Until we know more about the capabilities of the Red Dragon capsule, it is hard to know what its advantages and disadvantages will be compared to existing lander designs. It may provide a significant cost advantage – remember that likely assembly line of Dragon spacecraft. However, the lander hardware is just one part of the cost of a mission. There is still the cost of the launch, the instruments, potentially a rover or a launch vehicle for sample return, and operations.

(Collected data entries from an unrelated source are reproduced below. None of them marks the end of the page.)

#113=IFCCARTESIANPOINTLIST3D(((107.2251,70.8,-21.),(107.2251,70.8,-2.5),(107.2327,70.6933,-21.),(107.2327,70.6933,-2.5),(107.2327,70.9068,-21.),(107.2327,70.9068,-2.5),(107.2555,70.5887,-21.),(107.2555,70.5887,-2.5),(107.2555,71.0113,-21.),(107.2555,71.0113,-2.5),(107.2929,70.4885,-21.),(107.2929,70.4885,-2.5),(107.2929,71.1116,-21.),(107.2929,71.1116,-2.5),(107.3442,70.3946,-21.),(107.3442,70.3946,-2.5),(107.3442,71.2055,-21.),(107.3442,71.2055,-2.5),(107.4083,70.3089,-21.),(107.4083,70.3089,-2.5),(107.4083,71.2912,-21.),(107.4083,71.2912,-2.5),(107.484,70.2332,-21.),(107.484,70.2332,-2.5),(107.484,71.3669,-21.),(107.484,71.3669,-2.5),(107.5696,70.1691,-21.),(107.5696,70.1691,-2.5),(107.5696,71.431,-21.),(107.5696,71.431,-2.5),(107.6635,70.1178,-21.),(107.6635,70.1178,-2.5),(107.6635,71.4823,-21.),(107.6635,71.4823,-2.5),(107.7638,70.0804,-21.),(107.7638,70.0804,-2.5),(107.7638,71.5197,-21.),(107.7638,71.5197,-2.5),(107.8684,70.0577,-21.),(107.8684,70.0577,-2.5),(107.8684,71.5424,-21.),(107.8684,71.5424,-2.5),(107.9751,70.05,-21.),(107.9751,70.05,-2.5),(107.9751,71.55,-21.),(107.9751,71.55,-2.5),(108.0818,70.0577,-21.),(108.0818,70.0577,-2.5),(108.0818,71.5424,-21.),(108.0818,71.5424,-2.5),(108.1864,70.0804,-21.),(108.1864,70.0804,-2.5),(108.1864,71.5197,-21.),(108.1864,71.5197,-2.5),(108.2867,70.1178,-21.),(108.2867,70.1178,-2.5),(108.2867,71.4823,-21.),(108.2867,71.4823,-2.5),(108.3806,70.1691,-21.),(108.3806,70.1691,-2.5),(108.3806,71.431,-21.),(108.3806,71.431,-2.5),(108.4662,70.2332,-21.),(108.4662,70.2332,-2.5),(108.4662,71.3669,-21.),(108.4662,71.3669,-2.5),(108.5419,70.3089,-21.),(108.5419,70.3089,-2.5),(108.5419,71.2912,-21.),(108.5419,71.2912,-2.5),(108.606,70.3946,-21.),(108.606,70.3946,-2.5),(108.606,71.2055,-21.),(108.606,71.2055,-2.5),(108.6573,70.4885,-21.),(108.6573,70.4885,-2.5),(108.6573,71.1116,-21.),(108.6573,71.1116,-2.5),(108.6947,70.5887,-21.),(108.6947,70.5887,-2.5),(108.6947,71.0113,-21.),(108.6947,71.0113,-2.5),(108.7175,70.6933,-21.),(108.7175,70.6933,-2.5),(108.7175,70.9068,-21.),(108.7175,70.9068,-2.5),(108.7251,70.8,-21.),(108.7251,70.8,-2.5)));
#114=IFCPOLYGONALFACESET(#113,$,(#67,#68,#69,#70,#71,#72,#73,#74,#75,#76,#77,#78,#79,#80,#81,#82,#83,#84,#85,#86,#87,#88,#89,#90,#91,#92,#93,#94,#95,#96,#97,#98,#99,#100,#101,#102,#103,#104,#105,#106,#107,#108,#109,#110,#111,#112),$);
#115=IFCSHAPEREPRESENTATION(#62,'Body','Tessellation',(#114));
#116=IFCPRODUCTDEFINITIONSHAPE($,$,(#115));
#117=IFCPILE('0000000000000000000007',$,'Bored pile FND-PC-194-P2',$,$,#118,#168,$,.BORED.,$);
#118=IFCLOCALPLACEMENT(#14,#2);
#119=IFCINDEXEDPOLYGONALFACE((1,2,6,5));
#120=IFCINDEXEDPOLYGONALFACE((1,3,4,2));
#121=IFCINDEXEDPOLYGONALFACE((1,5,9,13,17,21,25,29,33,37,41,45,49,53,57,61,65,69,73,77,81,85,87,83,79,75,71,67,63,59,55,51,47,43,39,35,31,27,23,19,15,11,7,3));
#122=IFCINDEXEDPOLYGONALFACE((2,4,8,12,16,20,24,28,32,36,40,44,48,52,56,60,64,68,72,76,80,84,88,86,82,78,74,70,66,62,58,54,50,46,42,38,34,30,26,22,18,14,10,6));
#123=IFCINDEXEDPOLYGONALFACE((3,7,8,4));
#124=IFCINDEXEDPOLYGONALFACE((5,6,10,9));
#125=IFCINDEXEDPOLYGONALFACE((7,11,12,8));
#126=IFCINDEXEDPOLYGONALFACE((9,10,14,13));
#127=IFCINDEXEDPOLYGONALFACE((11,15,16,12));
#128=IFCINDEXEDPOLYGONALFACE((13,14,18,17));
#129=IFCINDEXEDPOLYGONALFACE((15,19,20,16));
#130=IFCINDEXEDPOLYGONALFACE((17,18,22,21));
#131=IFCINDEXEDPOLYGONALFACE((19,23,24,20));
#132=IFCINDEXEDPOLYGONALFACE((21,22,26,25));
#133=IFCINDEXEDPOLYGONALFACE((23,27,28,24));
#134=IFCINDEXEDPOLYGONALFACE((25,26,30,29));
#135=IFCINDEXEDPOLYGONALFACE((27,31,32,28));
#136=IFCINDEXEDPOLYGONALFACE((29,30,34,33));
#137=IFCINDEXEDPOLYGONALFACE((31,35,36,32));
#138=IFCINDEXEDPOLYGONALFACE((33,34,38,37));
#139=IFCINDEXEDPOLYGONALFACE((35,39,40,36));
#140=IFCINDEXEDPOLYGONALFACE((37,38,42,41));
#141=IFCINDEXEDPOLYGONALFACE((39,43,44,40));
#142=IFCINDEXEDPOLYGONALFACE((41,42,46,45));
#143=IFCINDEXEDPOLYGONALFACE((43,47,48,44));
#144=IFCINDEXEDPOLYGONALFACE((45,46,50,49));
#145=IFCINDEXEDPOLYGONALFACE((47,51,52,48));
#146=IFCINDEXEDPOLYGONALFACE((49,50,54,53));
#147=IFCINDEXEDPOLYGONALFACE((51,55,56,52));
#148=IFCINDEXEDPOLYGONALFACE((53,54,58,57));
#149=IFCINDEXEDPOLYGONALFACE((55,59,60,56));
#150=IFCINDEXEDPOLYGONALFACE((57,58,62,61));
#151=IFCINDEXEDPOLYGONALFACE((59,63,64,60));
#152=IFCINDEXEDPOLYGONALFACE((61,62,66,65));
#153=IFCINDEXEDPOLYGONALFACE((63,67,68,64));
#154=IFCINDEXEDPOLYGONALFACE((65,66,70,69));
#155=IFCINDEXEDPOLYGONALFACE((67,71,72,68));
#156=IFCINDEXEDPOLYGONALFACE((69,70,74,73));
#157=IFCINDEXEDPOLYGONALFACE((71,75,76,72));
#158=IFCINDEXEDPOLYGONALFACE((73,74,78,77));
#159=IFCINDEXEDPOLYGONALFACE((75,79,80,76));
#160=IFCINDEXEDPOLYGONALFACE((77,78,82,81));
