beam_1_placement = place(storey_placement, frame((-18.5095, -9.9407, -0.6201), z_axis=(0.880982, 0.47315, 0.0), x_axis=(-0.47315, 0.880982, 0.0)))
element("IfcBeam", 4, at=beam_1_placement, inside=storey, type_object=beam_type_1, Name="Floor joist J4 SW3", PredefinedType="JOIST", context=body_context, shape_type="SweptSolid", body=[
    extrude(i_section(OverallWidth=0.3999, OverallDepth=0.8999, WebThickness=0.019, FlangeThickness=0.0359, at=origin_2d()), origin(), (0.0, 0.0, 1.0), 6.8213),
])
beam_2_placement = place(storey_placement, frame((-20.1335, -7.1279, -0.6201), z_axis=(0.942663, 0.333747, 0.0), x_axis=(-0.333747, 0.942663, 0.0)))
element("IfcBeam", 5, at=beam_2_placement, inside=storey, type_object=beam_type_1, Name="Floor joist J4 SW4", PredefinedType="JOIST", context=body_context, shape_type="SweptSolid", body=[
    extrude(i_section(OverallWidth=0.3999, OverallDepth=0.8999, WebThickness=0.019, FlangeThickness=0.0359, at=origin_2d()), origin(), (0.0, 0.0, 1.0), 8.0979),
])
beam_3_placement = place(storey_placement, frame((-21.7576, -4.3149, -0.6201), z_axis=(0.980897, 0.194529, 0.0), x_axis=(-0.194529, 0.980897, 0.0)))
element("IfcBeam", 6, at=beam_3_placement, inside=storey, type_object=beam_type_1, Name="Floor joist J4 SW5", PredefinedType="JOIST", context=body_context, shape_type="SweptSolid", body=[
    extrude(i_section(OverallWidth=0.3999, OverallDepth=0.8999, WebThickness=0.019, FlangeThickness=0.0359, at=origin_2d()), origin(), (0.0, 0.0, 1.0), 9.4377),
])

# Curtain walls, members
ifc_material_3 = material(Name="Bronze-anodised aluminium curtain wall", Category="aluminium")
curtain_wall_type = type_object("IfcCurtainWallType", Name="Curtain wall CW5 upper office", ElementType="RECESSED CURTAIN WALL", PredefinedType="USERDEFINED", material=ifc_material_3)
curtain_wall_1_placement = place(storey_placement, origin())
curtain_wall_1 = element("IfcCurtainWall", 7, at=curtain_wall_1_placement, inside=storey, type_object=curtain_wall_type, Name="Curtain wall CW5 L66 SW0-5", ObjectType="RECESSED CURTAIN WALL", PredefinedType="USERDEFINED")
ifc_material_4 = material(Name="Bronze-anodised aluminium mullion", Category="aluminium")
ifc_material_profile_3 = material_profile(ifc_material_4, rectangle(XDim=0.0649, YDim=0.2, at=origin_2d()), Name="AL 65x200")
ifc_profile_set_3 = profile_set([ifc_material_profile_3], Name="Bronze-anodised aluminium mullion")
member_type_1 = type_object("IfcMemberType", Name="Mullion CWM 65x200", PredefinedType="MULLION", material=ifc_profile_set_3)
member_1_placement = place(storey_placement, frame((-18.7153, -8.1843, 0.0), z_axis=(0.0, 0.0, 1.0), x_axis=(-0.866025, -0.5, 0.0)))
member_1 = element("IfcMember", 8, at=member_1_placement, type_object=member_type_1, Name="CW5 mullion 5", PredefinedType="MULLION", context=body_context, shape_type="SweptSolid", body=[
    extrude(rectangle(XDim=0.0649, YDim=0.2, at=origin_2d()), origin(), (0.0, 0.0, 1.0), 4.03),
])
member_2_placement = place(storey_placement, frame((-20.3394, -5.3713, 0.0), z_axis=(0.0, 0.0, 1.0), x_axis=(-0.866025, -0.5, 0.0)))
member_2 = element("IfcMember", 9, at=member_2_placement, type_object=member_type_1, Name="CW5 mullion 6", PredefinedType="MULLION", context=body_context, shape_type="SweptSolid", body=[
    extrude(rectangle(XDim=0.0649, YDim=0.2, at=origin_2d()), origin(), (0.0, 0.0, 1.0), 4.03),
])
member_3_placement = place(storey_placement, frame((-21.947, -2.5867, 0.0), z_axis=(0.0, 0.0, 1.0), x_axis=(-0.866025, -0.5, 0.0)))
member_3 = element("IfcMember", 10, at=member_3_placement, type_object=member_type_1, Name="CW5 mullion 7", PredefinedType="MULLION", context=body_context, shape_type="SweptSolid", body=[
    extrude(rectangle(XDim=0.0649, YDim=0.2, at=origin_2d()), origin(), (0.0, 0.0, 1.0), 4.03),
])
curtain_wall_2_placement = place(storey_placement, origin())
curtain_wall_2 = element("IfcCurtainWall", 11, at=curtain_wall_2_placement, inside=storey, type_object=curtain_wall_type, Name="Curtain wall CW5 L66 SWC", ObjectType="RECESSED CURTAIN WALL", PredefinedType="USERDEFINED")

Even if the cost of a Red Dragon landing were free, these other costs would drive the total mission costs to several hundred millions of dollars. This puts a Red Dragon-based mission in competition for funding with all the other missions planetary scientists would like to conduct. A lunar or Martian landing mission may be selected by NASA only once a decade, and the Red Dragon may or may not be the most suitable design.
As an alternative, perhaps SpaceX will schedule a Martian landing every two years or so and will sell payload space to space agencies, universities, and even private companies to cover costs. Then the cost to any individual space agency, university research group, or company might be relatively small – a few million or tens of millions of dollars.
Or Musk may use the profits from SpaceX or a portion of his personal fortune to drive his own program of Mars robotic exploration. From his statements we know he wants to eventually take humans to Mars. Perhaps Red Dragon is a stepping stone to that grander vision.
Red Dragon is possible because of the vision and drive of its founder, Elon Musk. He made a strategic decision to build a capsule that could land on Mars as well as meet NASA’s needs in near Earth orbit. We will need to wait to learn what types of landed missions that vision will encompass and which worlds beyond Mars Musk wants to explore.